El sentimiento aquí expresado va más allá del disgusto profundo que despierta, en tantos artistas del XIX, la configuración del nuevo orden social, de las nuevas condiciones de vida, disgusto que encuentra su formulación más precisa y radical en Flaubert y su reiterado “odio al burgués”. Su objeto es algo mucho más extenso e impreciso, en cualquier caso no connotado por la perspectiva de clase ni por las posiciones ideológicas: la multitud. A continuación de esta cita, Benjamin recuerda los textos clásicos de Poe y de Baudelaire, y él mismo constata, a propósito de los mismos, cómo “la multitud de la gran ciudad despertaba miedo, repugnancia, terror en los primeros que la miraron de frente”. De este terror, de esta repugnancia y de este miedo surgió, en correspondencia, un sentimiento de odio que en muchos casos se expresó en un reflejo de agresividad. Las ideologías revolucionarias reconducen tal sentimiento hacia una utopía redentora. Pero, fuera del cauce determinado por las mismas, el desarrollo de la razón crítica arroja a muchas conciencias al nihilismo. En el paisaje conformado por éste, acaso el más característico de la modernidad, el hombre de la multitud al que se refieren Poe y Baudelaire se ha convertido, o bien en el misántropo atormentado que protagoniza los Apuntes del subsuelo (1864) de Dostoievski, o bien en el feroz anarquista que encarna el personaje del Profesor en El agente secreto (1907), la novela de Joseph Conrad.

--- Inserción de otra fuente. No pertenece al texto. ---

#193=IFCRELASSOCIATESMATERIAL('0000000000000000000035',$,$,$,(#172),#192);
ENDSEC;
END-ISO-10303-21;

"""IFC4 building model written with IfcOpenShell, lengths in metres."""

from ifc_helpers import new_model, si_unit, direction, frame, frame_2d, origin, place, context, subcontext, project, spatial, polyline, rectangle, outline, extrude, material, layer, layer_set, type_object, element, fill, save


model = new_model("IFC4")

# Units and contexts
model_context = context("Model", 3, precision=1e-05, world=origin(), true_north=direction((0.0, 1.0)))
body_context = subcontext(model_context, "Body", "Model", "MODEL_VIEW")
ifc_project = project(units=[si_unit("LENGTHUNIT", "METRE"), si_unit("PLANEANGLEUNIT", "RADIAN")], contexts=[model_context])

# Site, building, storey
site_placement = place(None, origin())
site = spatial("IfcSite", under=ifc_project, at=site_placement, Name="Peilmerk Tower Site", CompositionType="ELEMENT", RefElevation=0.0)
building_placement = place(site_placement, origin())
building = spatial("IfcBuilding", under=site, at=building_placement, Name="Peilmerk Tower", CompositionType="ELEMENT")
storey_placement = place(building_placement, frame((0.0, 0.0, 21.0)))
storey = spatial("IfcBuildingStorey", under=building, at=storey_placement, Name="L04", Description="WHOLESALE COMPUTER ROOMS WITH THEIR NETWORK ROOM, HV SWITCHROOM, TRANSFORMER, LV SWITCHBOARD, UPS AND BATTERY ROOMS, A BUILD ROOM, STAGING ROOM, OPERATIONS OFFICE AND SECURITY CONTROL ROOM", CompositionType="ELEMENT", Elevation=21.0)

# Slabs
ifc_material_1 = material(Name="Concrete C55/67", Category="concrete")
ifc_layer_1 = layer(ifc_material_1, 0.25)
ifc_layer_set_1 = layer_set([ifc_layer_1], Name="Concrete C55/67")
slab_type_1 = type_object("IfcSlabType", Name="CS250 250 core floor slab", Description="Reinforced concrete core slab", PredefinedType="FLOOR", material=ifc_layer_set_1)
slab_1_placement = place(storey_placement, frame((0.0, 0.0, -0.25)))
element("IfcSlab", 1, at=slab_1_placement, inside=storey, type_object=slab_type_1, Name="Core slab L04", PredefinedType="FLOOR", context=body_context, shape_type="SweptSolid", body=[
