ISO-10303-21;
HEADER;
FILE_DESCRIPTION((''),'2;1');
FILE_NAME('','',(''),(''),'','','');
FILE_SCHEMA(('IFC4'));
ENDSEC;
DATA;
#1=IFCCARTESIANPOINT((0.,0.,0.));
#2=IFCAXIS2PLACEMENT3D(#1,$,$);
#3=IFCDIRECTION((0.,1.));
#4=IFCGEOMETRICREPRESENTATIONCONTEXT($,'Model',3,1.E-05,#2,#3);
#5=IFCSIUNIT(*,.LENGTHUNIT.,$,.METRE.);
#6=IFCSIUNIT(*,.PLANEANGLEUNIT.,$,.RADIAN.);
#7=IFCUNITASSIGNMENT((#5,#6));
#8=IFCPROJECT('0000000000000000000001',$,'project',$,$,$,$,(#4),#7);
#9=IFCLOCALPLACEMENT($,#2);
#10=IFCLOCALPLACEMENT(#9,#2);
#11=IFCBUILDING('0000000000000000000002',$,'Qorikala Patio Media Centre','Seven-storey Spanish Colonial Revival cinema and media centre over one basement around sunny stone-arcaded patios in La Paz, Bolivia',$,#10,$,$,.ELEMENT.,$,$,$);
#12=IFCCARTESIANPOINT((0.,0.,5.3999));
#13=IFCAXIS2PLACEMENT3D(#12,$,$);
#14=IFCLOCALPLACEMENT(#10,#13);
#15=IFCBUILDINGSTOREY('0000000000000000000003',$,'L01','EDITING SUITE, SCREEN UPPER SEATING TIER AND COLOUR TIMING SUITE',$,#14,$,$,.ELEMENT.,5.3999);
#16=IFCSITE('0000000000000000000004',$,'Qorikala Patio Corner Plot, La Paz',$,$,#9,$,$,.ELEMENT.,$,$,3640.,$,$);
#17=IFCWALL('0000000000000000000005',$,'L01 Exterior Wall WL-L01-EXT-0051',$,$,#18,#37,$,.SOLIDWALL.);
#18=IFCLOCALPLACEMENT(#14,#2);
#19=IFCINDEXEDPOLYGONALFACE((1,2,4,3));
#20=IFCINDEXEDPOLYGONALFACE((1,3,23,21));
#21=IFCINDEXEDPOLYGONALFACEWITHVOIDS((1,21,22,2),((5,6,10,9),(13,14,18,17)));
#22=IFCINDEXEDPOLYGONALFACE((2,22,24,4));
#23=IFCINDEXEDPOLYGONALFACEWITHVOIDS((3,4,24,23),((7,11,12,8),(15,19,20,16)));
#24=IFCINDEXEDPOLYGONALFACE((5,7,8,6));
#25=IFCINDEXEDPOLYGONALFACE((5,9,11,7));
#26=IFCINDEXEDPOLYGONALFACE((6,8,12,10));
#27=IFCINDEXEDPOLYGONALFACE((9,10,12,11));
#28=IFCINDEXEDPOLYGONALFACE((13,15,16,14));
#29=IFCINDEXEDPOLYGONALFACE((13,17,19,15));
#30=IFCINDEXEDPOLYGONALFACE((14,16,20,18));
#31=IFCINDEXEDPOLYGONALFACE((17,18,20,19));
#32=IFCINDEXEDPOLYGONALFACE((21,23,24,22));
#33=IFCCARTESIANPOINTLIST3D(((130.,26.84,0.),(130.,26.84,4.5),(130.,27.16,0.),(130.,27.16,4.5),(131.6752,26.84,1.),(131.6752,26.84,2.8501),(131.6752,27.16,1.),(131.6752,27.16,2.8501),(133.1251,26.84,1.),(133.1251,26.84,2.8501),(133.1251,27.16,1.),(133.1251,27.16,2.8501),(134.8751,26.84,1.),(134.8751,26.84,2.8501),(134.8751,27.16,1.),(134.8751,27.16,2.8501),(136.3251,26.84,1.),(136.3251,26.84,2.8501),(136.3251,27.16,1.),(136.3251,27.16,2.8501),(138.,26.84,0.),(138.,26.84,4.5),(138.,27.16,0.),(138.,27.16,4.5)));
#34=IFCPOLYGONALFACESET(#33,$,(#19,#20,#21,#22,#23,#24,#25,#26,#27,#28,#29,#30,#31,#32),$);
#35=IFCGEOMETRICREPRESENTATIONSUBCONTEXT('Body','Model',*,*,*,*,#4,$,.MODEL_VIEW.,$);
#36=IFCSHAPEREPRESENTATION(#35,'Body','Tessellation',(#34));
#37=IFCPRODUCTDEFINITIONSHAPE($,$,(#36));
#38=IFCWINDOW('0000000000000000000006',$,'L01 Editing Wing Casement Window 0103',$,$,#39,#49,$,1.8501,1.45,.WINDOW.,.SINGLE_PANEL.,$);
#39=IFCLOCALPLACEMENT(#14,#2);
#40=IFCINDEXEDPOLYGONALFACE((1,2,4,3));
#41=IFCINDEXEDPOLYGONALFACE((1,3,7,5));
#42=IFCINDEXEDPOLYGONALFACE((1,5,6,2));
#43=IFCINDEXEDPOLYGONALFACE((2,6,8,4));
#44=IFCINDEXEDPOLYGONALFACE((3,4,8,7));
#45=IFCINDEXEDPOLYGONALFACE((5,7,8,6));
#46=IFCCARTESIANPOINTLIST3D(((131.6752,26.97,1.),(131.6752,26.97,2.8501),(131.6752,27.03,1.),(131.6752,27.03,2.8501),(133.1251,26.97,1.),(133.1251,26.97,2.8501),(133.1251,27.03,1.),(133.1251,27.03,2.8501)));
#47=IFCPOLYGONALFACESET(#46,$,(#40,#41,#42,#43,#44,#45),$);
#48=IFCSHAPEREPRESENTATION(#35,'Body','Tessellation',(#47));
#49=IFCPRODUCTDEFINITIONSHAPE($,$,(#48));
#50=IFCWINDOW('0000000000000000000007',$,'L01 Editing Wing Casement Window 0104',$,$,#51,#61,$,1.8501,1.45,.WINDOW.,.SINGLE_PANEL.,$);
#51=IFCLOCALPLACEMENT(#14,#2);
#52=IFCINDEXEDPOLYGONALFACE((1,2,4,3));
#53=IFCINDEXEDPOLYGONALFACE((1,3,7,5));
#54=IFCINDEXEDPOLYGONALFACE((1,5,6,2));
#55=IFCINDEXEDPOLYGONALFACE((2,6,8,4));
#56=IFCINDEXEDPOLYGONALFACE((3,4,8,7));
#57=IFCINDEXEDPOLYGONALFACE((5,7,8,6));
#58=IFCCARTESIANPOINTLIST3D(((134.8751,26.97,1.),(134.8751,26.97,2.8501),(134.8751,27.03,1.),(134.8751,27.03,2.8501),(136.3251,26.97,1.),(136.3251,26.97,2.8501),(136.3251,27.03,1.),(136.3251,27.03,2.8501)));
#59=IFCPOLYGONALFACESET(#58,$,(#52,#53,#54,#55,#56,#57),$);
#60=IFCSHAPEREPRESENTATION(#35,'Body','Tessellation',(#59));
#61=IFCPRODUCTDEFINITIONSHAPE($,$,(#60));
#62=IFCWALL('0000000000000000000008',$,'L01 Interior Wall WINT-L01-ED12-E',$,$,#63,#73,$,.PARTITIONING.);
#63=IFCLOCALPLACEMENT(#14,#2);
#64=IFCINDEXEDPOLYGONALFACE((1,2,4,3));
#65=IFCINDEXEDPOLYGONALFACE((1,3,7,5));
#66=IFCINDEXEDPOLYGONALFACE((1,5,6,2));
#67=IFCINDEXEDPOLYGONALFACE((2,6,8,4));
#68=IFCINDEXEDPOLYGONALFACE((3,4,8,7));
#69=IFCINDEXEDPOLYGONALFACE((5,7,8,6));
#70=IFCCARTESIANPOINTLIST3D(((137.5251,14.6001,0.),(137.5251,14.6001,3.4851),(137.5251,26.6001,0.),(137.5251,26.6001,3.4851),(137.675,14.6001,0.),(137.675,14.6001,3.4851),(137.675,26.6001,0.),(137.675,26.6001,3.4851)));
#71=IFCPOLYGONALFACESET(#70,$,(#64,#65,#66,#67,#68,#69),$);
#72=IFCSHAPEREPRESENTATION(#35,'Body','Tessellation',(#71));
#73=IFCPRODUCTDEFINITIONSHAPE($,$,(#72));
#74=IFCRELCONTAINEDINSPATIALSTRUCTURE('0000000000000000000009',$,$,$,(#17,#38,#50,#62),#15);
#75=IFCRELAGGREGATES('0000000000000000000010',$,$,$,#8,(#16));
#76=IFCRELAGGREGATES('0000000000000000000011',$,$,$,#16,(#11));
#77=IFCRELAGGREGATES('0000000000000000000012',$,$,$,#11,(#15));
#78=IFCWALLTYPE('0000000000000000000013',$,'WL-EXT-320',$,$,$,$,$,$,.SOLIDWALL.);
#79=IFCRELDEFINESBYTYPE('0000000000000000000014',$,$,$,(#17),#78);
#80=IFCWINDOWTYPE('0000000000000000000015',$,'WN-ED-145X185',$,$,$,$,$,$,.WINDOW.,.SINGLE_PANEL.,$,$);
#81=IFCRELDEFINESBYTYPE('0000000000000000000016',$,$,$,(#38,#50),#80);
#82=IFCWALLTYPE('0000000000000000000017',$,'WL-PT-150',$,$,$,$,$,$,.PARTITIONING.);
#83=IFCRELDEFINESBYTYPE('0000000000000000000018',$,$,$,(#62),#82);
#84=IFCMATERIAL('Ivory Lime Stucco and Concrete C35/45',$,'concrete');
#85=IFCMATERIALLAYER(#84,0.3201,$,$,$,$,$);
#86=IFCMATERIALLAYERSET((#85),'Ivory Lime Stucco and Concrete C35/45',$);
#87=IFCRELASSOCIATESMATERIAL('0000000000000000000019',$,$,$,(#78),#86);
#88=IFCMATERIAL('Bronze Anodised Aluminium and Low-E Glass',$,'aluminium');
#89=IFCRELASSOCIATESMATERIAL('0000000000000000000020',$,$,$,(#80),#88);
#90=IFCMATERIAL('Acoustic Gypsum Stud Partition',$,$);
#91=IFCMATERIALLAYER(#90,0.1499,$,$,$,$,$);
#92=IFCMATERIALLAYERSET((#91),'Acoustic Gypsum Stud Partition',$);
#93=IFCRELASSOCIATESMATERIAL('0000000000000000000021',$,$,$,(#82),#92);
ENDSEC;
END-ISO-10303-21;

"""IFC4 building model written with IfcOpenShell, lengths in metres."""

from ifc_helpers import new_model, si_unit, direction, frame, frame_2d, origin, place, context, subcontext, project, spatial, rectangle, extrude, material, layer, layer_set, type_object, element, fill, save


model = new_model("IFC4")

# Units and contexts
model_context = context("Model", 3, precision=1e-05, world=origin(), true_north=direction((0.0, 1.0)))
body_context = subcontext(model_context, "Body", "Model", "MODEL_VIEW")
ifc_project = project(units=[si_unit("LENGTHUNIT", "METRE"), si_unit("PLANEANGLEUNIT", "RADIAN")], contexts=[model_context])

# Site, building, storey
site_placement = place(None, origin())
site = spatial("IfcSite", under=ifc_project, at=site_placement, Name="Qorikala Patio Corner Plot, La Paz", CompositionType="ELEMENT", RefElevation=3640.0)
building_placement = place(site_placement, origin())
building = spatial("IfcBuilding", under=site, at=building_placement, Name="Qorikala Patio Media Centre", Description="Seven-storey Spanish Colonial Revival cinema and media centre over one basement around sunny stone-arcaded patios in La Paz, Bolivia", CompositionType="ELEMENT")
storey_placement = place(building_placement, frame((0.0, 0.0, 5.3999)))
storey = spatial("IfcBuildingStorey", under=building, at=storey_placement, Name="L01", Description="EDITING SUITE, SCREEN UPPER SEATING TIER AND COLOUR TIMING SUITE", CompositionType="ELEMENT", Elevation=5.3999)

# Wall, openings, windows
ifc_material_1 = material(Name="Ivory Lime Stucco and Concrete C35/45", Category="concrete")
ifc_layer_1 = layer(ifc_material_1, 0.3201)
ifc_layer_set_1 = layer_set([ifc_layer_1], Name="Ivory Lime Stucco and Concrete C35/45")
wall_type_1 = type_object("IfcWallType", Name="WL-EXT-320", PredefinedType="SOLIDWALL", material=ifc_layer_set_1)
wall_1_placement = place(storey_placement, frame((130.0, 27.0, 0.0), z_axis=(0.0, 0.0, 1.0), x_axis=(1.0, 0.0, 0.0)))
wall_1 = element("IfcWall", 1, at=wall_1_placement, inside=storey, type_object=wall_type_1, Name="L01 Exterior Wall WL-L01-EXT-0051", PredefinedType="SOLIDWALL", context=body_context, shape_type="SweptSolid", body=[
    extrude(rectangle(XDim=8.0, YDim=0.3201, at=frame_2d((4.0, 0.0))), origin(), (0.0, 0.0, 1.0), 4.5),
])
opening_1_placement = place(wall_1_placement, frame((1.675, 0.0, 1.0)))
opening_1 = element("IfcOpeningElement", 2, at=opening_1_placement, cuts=wall_1, PredefinedType="OPENING", context=body_context, shape_type="SweptSolid", body=[
    extrude(rectangle(XDim=1.45, YDim=1.8501, at=frame_2d((0.7251, 0.925))), frame((0.0, 0.1699, 0.0), z_axis=(0.0, -1.0, 0.0), x_axis=(1.0, 0.0, 0.0)), (0.0, 0.0, 1.0), 0.3401),
])
opening_2_placement = place(wall_1_placement, frame((4.875, 0.0, 1.0)))
opening_2 = element("IfcOpeningElement", 3, at=opening_2_placement, cuts=wall_1, PredefinedType="OPENING", context=body_context, shape_type="SweptSolid", body=[
    extrude(rectangle(XDim=1.45, YDim=1.8501, at=frame_2d((0.7251, 0.925))), frame((0.0, 0.1699, 0.0), z_axis=(0.0, -1.0, 0.0), x_axis=(1.0, 0.0, 0.0)), (0.0, 0.0, 1.0), 0.3401),
])
ifc_material_2 = material(Name="Bronze Anodised Aluminium and Low-E Glass", Category="aluminium")
window_type = type_object("IfcWindowType", Name="WN-ED-145X185", PartitioningType="SINGLE_PANEL", PredefinedType="WINDOW", material=ifc_material_2)
window_1_placement = place(opening_1_placement, origin())
window_1 = element("IfcWindow", 4, at=window_1_placement, inside=storey, type_object=window_type, Name="L01 Editing Wing Casement Window 0103", OverallHeight=1.8501, OverallWidth=1.45, PartitioningType="SINGLE_PANEL", PredefinedType="WINDOW", context=body_context, shape_type="SweptSolid", body=[
    extrude(rectangle(XDim=1.45, YDim=1.8501, at=frame_2d((0.7251, 0.925))), frame((0.0, 0.03, 0.0), z_axis=(0.0, -1.0, 0.0), x_axis=(1.0, 0.0, 0.0)), (0.0, 0.0, 1.0), 0.0601),
])
fill(opening_1, window_1)
window_2_placement = place(opening_2_placement, origin())
window_2 = element("IfcWindow", 5, at=window_2_placement, inside=storey, type_object=window_type, Name="L01 Editing Wing Casement Window 0104", OverallHeight=1.8501, OverallWidth=1.45, PartitioningType="SINGLE_PANEL", PredefinedType="WINDOW", context=body_context, shape_type="SweptSolid", body=[
    extrude(rectangle(XDim=1.45, YDim=1.8501, at=frame_2d((0.7251, 0.925))), frame((0.0, 0.03, 0.0), z_axis=(0.0, -1.0, 0.0), x_axis=(1.0, 0.0, 0.0)), (0.0, 0.0, 1.0), 0.0601),
])
fill(opening_2, window_2)

# Wall
ifc_material_3 = material(Name="Acoustic Gypsum Stud Partition")
ifc_layer_2 = layer(ifc_material_3, 0.1499)
ifc_layer_set_2 = layer_set([ifc_layer_2], Name="Acoustic Gypsum Stud Partition")
wall_type_2 = type_object("IfcWallType", Name="WL-PT-150", PredefinedType="PARTITIONING", material=ifc_layer_set_2)
wall_2_placement = place(storey_placement, frame((137.6001, 14.6001, 0.0), z_axis=(0.0, 0.0, 1.0), x_axis=(0.0, 1.0, 0.0)))
element("IfcWall", 6, at=wall_2_placement, inside=storey, type_object=wall_type_2, Name="L01 Interior Wall WINT-L01-ED12-E", PredefinedType="PARTITIONING", context=body_context, shape_type="SweptSolid", body=[
    extrude(rectangle(XDim=12.0, YDim=0.1499, at=frame_2d((6.0, 0.0))), origin(), (0.0, 0.0, 1.0), 3.4851),
])

save(model, "model.ifc")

Como se recordará, este último personaje camina impune por las mismas calles de Londres que ha descrito Engels, pero lo hace portando una bomba consigo. He aquí uno de los pasajes en que Conrad lo describe:

“Perdido en la multitud, miserable y diminuto, meditaba confiadamente en su poder, sin sacar la mano del bolsillo izquierdo de su pantalón y empuñando ligeramente la pelota de goma, la suprema garantía de su libertad siniestra; pero después de un rato se sintió desagradablemente afectado por el espectáculo de la calle atestada de vehículos y de la acera repleta de hombres y mujeres. Se encontraba en una calle larga y recta ocupada por una simple fracción de una multitud inmensa; pero alrededor suyo, en todas partes, en forma incesante, incluso hasta los límites del horizonte oculto por los enormes hacinamientos de ladrillos, sentía la masa de la humanidad, poderosa en sus dimensiones. Ellos pululaban como langostas innumerables, industriosos como hormigas, inconscientes como una fuerza natural, avanzando ciegos y en orden y absortos, impermeables al sentimiento, a la lógica, quizá, también, al terror”.

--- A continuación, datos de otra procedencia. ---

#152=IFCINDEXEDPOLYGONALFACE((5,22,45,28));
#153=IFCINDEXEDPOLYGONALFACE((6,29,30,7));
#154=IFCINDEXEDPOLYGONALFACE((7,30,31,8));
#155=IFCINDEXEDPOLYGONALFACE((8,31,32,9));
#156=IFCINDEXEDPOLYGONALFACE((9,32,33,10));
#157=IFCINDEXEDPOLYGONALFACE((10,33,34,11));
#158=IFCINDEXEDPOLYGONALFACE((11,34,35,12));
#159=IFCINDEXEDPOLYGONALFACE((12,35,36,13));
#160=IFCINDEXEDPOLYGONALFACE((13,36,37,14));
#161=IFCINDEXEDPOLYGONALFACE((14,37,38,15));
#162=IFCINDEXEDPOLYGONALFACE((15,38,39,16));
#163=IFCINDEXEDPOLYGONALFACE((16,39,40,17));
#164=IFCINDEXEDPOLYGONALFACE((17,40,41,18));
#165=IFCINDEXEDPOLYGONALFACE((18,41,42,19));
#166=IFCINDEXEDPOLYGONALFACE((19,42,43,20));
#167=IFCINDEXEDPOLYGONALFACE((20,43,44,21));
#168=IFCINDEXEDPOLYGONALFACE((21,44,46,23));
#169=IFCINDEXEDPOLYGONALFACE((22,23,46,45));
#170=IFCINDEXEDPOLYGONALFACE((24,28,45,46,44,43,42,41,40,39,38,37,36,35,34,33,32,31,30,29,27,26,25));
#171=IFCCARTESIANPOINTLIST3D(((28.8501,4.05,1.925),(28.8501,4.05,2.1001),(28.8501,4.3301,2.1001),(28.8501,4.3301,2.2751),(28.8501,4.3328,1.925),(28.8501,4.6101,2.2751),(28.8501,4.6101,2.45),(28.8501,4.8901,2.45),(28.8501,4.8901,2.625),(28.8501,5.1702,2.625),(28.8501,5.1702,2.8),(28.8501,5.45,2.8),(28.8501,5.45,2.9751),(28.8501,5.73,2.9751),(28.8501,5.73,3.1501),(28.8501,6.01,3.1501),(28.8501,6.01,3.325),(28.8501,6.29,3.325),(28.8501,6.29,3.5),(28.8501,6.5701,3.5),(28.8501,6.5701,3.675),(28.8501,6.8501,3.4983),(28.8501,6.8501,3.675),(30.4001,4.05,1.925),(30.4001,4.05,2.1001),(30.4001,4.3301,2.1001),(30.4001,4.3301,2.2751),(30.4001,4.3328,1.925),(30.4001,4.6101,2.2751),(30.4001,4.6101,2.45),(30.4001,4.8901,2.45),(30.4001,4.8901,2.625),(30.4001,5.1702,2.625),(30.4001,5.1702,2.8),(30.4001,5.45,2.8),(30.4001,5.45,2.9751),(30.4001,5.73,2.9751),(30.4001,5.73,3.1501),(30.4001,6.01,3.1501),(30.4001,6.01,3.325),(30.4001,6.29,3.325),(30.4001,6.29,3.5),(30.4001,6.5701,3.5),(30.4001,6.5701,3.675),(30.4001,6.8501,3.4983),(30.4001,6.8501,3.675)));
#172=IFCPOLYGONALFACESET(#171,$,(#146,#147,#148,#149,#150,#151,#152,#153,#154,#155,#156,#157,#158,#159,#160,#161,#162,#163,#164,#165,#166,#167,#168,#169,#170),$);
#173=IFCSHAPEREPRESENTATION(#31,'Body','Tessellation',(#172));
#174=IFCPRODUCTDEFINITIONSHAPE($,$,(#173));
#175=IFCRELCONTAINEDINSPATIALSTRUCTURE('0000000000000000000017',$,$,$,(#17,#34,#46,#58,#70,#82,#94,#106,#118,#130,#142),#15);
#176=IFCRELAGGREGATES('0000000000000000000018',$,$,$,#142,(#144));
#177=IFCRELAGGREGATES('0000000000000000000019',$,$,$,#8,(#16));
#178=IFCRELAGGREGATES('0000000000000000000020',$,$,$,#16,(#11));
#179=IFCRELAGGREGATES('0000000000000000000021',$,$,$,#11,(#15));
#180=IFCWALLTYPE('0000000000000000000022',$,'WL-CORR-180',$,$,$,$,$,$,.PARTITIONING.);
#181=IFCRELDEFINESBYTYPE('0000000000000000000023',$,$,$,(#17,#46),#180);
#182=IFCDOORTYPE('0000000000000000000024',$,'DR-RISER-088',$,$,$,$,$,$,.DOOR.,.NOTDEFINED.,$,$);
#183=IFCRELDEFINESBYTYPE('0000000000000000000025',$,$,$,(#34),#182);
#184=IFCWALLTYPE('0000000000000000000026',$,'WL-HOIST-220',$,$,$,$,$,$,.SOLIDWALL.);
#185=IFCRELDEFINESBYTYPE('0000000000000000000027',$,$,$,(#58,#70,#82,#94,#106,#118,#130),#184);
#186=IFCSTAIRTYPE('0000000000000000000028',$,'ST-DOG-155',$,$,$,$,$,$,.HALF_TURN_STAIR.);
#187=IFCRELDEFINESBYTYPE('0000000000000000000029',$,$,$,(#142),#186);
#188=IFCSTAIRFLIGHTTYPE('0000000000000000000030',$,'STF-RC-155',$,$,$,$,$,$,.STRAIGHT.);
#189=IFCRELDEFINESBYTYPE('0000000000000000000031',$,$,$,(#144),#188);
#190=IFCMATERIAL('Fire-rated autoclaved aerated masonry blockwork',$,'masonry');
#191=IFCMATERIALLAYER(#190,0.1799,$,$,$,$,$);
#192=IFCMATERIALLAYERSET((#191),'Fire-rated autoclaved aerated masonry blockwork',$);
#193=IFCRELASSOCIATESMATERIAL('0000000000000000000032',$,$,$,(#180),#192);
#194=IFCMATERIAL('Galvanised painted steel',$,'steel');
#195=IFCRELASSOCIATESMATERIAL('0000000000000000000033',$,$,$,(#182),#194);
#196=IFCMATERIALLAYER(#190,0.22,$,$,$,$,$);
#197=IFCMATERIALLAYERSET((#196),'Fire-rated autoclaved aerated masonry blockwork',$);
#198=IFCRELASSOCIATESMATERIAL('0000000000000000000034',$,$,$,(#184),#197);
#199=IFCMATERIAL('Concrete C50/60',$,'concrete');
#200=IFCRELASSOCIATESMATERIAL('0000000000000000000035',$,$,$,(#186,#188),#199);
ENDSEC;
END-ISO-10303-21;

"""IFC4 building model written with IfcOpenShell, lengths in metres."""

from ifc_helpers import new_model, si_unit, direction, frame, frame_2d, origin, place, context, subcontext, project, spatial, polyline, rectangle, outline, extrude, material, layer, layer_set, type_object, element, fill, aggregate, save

De nuevo aquí, lo que produce espanto no es tanto la multitud misma como su indiferencia. En el vacío que esta indiferencia abre a la propia conciencia individual se edifica la conciencia moderna. Pero en el pasaje recién citado se cuela, casi imperceptiblemente, una noción nueva, que determina todo un cambio de rasante en el proceso abierto por dicha conciencia: la noción de masa. Importa detenerse en ella.

La masa alude a una noción afín pero en absoluto idéntica a la de multitud. Conrad acierta a intuirlo al expresar cómo la masa se hace sentir más allá de la multitud inmensa que rodea a su personaje, más allá –dice– “del horizonte oculto por los enormes hacinamientos de ladrillos”.

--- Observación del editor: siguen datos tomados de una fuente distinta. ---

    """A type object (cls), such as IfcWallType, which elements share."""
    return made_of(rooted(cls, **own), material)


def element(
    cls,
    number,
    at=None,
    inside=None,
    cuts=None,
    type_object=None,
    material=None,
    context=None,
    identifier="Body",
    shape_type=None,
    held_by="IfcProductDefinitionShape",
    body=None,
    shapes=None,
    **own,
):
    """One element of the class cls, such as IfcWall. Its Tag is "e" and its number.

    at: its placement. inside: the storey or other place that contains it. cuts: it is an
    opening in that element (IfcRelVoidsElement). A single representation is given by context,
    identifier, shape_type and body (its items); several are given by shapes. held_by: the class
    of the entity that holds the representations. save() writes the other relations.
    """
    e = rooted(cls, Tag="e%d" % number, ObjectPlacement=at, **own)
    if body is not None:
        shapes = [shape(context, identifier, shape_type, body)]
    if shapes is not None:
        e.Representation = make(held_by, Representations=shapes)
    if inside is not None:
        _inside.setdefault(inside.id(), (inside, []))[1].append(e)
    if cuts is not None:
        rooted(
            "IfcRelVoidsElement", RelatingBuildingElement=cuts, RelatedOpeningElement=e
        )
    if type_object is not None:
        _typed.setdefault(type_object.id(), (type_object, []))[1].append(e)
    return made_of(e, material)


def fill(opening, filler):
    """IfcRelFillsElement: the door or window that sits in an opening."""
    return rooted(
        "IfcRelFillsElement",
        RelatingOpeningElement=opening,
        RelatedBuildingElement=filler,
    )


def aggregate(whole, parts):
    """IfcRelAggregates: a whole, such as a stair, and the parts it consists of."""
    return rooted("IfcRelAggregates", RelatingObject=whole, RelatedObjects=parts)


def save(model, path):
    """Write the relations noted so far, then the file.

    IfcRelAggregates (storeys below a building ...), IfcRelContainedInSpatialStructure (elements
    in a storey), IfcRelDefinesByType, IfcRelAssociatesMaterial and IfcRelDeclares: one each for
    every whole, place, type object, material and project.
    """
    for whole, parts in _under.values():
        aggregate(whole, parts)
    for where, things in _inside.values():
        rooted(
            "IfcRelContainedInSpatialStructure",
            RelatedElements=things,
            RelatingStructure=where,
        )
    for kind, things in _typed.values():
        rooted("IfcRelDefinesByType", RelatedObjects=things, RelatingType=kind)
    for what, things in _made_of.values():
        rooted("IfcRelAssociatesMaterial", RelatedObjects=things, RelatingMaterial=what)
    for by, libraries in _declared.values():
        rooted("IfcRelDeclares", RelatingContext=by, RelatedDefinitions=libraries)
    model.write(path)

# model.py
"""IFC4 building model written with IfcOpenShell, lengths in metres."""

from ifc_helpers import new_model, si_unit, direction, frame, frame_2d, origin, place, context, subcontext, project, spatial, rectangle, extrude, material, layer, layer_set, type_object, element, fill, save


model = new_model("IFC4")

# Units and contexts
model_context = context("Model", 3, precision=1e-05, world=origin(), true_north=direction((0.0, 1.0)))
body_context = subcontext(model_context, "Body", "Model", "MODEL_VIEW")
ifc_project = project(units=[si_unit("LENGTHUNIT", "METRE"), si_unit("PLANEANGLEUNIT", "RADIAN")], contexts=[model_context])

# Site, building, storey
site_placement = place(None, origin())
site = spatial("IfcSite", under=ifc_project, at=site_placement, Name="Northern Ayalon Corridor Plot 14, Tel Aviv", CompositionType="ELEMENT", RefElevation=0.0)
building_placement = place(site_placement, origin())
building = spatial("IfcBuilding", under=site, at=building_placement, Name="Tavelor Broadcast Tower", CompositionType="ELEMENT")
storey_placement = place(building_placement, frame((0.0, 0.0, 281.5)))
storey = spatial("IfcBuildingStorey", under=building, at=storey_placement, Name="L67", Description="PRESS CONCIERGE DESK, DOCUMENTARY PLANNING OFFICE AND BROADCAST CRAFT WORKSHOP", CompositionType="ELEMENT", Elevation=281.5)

A diferencia del hombre de la multitud, al que se refieren Poe y Baudelaire, el hombre de la masa es indiferente al terror que inspira su propio espectro. Y así es por cuanto la masa constituye una transmutación de la multitud por obra de la cual su entidad múltiple se ha disuelto en una unidad superior, en la que se reanuda el atávico gregarismo que dio impulso a las sociedades humanas.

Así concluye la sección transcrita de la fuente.